# Proof of the equivalence between two ways of defining ESS

## Background

Two common ways of defining what an Evolutionary Stable Strategy (ESS) are:

First definition: Consider a population composed of populations playing two strategies, $\mathbf{p}$ and $\mathbf{q}$. Let us denote $W(\mathbf{p})$ the average fitness of the strategy $\mathbf{p}$. A population consisting of individuals playing $\mathbf{p}$ will be an ESS if, whenever a small amount of deviant individuals playing $\mathbf{q}$, the old type $\mathbf{p}$ fares batter than the newcomers $\mathbf{q}$. This means that for all $\mathbf{p}\neq \mathbf{q}$, \begin{equation} W(\mathbf{p}) > W (\mathbf{q}) \end{equation}

Second definition: $E(\mathbf{p},\mathbf{q})$ is the payoff for $\mathbf{p}$-strategist against a $\mathbf{q}$-strategist. The strategy $\mathbf{p}$ is an ESS if and only if the following conditions are satisfied:

1. $E(\mathbf{p},\mathbf{p})\geq E(\mathbf{q},\mathbf{p}) \quad \forall \mathbf{q}$

2. If $\mathbf{q}\neq \mathbf{p}$ and $E(\mathbf{p},\mathbf{p}) = E(\mathbf{q},\mathbf{p})$, then $E(\mathbf{p},\mathbf{q})> E(\mathbf{q},\mathbf{q})$

## Question (shorter version)

The above two ways of defining what an ESS should be equivalent. How can I prove such an equivalence? Alternatively, do you know of a book (or a paper) that has this proof?

## Question (longer version)

I understand that the first definition implies the second. According to the first definition: \begin{align*} W(\mathbf{p}) - W (\mathbf{q}) &>0\\ (1-\epsilon) [E(\mathbf{p},\mathbf{p}) - E(\mathbf{q},\mathbf{p})] + \epsilon [E(\mathbf{p},\mathbf{q}) - E(\mathbf{q},\mathbf{q})] &>0 \end{align*} where $\epsilon$ is frequency of individuals playing $\mathbf{q}$. Since $0<\epsilon<1$, if the above inequality is true, the conditions 1 and 2 in the second definition must be true. The part that I find less clear is how the second definition implies the first definition. More specifically, that if $\mathbf{p}$ is a strict Nash equilibrium (i.e., $E(\mathbf{p},\mathbf{p})> E(\mathbf{q},\mathbf{p})$), then $W(\mathbf{p}) > W (\mathbf{q})$.

• Aren't these definitions applicable to different models of evolution?
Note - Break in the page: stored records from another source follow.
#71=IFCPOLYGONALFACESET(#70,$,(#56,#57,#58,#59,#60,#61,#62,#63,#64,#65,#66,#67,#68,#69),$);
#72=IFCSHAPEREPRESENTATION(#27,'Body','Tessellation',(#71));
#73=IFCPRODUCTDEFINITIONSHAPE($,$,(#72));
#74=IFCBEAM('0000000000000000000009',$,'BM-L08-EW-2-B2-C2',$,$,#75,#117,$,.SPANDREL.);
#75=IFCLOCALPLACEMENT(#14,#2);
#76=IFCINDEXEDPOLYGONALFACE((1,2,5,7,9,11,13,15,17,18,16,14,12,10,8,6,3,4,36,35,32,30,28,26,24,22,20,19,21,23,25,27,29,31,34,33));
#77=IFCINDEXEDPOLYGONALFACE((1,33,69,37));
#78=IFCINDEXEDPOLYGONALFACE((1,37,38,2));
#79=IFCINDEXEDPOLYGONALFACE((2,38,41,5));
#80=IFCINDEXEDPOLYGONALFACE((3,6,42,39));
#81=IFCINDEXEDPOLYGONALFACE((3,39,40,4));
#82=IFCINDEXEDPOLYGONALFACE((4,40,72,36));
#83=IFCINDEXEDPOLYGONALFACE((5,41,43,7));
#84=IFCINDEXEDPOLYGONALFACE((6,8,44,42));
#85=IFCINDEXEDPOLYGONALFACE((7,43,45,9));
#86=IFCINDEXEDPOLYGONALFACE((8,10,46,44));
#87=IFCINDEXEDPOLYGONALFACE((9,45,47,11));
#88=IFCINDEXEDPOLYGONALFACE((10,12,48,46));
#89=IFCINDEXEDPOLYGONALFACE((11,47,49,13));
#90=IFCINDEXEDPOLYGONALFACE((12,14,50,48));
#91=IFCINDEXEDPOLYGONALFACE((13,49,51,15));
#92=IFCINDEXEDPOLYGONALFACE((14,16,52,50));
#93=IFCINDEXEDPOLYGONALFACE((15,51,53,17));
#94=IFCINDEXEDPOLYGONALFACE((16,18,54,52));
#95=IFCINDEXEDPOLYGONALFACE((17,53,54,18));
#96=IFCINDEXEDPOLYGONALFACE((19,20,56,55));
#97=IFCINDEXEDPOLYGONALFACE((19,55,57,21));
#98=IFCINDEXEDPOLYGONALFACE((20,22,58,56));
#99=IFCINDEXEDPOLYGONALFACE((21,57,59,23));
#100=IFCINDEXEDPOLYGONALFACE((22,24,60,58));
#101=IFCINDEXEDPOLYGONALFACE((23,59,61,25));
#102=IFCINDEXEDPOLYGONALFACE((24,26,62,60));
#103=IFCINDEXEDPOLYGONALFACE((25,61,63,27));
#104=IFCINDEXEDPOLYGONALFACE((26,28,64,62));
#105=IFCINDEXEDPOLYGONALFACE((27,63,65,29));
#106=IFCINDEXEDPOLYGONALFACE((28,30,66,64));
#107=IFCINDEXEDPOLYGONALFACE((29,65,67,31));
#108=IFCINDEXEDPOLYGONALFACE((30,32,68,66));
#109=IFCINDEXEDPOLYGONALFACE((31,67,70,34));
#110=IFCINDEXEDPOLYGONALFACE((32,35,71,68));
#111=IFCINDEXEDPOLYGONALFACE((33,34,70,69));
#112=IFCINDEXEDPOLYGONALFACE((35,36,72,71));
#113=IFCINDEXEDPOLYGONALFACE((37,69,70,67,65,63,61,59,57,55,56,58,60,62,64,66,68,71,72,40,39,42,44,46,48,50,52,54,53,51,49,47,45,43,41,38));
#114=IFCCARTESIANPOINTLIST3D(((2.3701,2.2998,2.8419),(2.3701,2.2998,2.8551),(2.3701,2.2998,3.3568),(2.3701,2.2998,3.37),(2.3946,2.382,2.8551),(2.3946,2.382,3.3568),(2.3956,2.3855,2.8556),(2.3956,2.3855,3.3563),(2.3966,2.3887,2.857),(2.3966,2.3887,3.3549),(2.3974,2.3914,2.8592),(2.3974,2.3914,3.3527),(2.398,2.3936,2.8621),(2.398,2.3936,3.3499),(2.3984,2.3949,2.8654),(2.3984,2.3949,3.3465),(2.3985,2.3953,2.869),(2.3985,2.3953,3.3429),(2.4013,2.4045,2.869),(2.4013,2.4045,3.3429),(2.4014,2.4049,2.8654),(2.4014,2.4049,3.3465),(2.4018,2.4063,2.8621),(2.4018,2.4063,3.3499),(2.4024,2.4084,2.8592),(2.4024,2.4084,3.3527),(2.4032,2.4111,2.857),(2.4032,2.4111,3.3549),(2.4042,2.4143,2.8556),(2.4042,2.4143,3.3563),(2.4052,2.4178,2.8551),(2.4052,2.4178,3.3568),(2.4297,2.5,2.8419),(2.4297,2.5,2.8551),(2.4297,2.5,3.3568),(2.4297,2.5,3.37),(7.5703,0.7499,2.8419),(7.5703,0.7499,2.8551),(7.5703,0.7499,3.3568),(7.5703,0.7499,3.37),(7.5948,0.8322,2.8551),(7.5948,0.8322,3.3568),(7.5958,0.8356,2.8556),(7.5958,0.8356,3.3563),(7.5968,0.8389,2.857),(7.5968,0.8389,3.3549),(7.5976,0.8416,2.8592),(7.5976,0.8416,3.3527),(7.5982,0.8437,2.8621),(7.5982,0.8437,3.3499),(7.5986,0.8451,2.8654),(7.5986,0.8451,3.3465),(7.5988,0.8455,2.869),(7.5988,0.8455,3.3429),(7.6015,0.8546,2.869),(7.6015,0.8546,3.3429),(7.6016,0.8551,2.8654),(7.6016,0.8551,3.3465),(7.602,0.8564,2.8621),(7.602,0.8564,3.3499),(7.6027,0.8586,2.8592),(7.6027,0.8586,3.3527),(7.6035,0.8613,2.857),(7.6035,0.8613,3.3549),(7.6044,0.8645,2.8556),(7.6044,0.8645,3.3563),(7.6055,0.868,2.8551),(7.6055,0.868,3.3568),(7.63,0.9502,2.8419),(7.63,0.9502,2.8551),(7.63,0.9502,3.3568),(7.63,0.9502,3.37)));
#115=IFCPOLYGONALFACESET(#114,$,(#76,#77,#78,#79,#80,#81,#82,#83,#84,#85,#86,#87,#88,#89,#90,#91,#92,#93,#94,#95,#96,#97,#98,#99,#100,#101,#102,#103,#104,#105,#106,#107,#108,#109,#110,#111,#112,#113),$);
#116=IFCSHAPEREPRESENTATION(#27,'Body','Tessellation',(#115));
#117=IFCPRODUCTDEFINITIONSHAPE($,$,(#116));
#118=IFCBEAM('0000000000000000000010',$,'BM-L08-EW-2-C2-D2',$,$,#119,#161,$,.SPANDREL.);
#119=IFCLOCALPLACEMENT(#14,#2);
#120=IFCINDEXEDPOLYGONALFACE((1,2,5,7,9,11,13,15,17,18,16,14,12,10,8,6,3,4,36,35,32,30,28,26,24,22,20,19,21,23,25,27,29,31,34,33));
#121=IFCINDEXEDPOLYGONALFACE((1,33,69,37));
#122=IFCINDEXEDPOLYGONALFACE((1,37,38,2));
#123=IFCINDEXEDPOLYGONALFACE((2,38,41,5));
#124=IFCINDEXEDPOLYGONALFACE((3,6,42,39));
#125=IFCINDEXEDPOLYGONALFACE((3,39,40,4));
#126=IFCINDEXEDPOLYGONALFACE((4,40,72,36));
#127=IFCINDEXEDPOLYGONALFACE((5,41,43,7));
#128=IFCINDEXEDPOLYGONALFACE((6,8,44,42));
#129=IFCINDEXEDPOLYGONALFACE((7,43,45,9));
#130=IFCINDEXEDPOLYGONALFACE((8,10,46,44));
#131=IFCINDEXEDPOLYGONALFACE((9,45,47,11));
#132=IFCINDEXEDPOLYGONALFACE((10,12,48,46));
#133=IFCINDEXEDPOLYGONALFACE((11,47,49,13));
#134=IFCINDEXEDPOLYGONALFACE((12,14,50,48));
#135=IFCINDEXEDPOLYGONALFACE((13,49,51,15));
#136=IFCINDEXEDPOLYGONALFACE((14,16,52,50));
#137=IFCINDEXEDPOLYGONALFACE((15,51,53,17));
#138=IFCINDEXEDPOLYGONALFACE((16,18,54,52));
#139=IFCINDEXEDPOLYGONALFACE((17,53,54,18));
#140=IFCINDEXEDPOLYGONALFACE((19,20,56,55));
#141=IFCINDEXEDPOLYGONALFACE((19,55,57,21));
It seems like the first is applicable in a case where each strategy has, regardless of the other strategies, a known distribution of payoffs. The second seems to have a payoff which is dependent not only on the strategy but also on the other players' strategy. If they are different models, I am not sure what it means to be equivalent. – Hans Dec 12 '15 at 4:20
• @Hans The equivalence between these defs is mentioned in a few textbooks, such as p.232 of Gintis Game Theory Evolving and on p. 63 of Hofbauer & Sigmund's Evolutionary Games and Population Dynamics. – falsum Dec 12 '15 at 4:40

We need to show that if $\mathbf{p}$ is a strict Nash equilibrium, $E(\mathbf{p},\mathbf{p})> E(\mathbf{q},\mathbf{p})$, then $W(\mathbf{p}) > W (\mathbf{q})$ for some sufficiently small $\epsilon$. When $E(\mathbf{p},\mathbf{q}) \geq E(\mathbf{q},\mathbf{q})$, $\mathbf{p}$ clearly dominates $\mathbf{q}$.The less obvious case is when $E(\mathbf{p},\mathbf{q}) < E(\mathbf{q},\mathbf{q})$.
Since $E(\mathbf{p},\mathbf{p}) - E(\mathbf{q},\mathbf{p})>0$, there should be a strictly positive number $k$ such that $$k[E(\mathbf{p},\mathbf{p}) - E(\mathbf{q},\mathbf{p})]+ E(\mathbf{p},\mathbf{q}) - E(\mathbf{q},\mathbf{q})>0$$ is true. Whatever this number is, we can write $k$ as $(1-\epsilon)/\epsilon$ for $0<\epsilon<1$. Substituting this into the equation above gives us the desired result.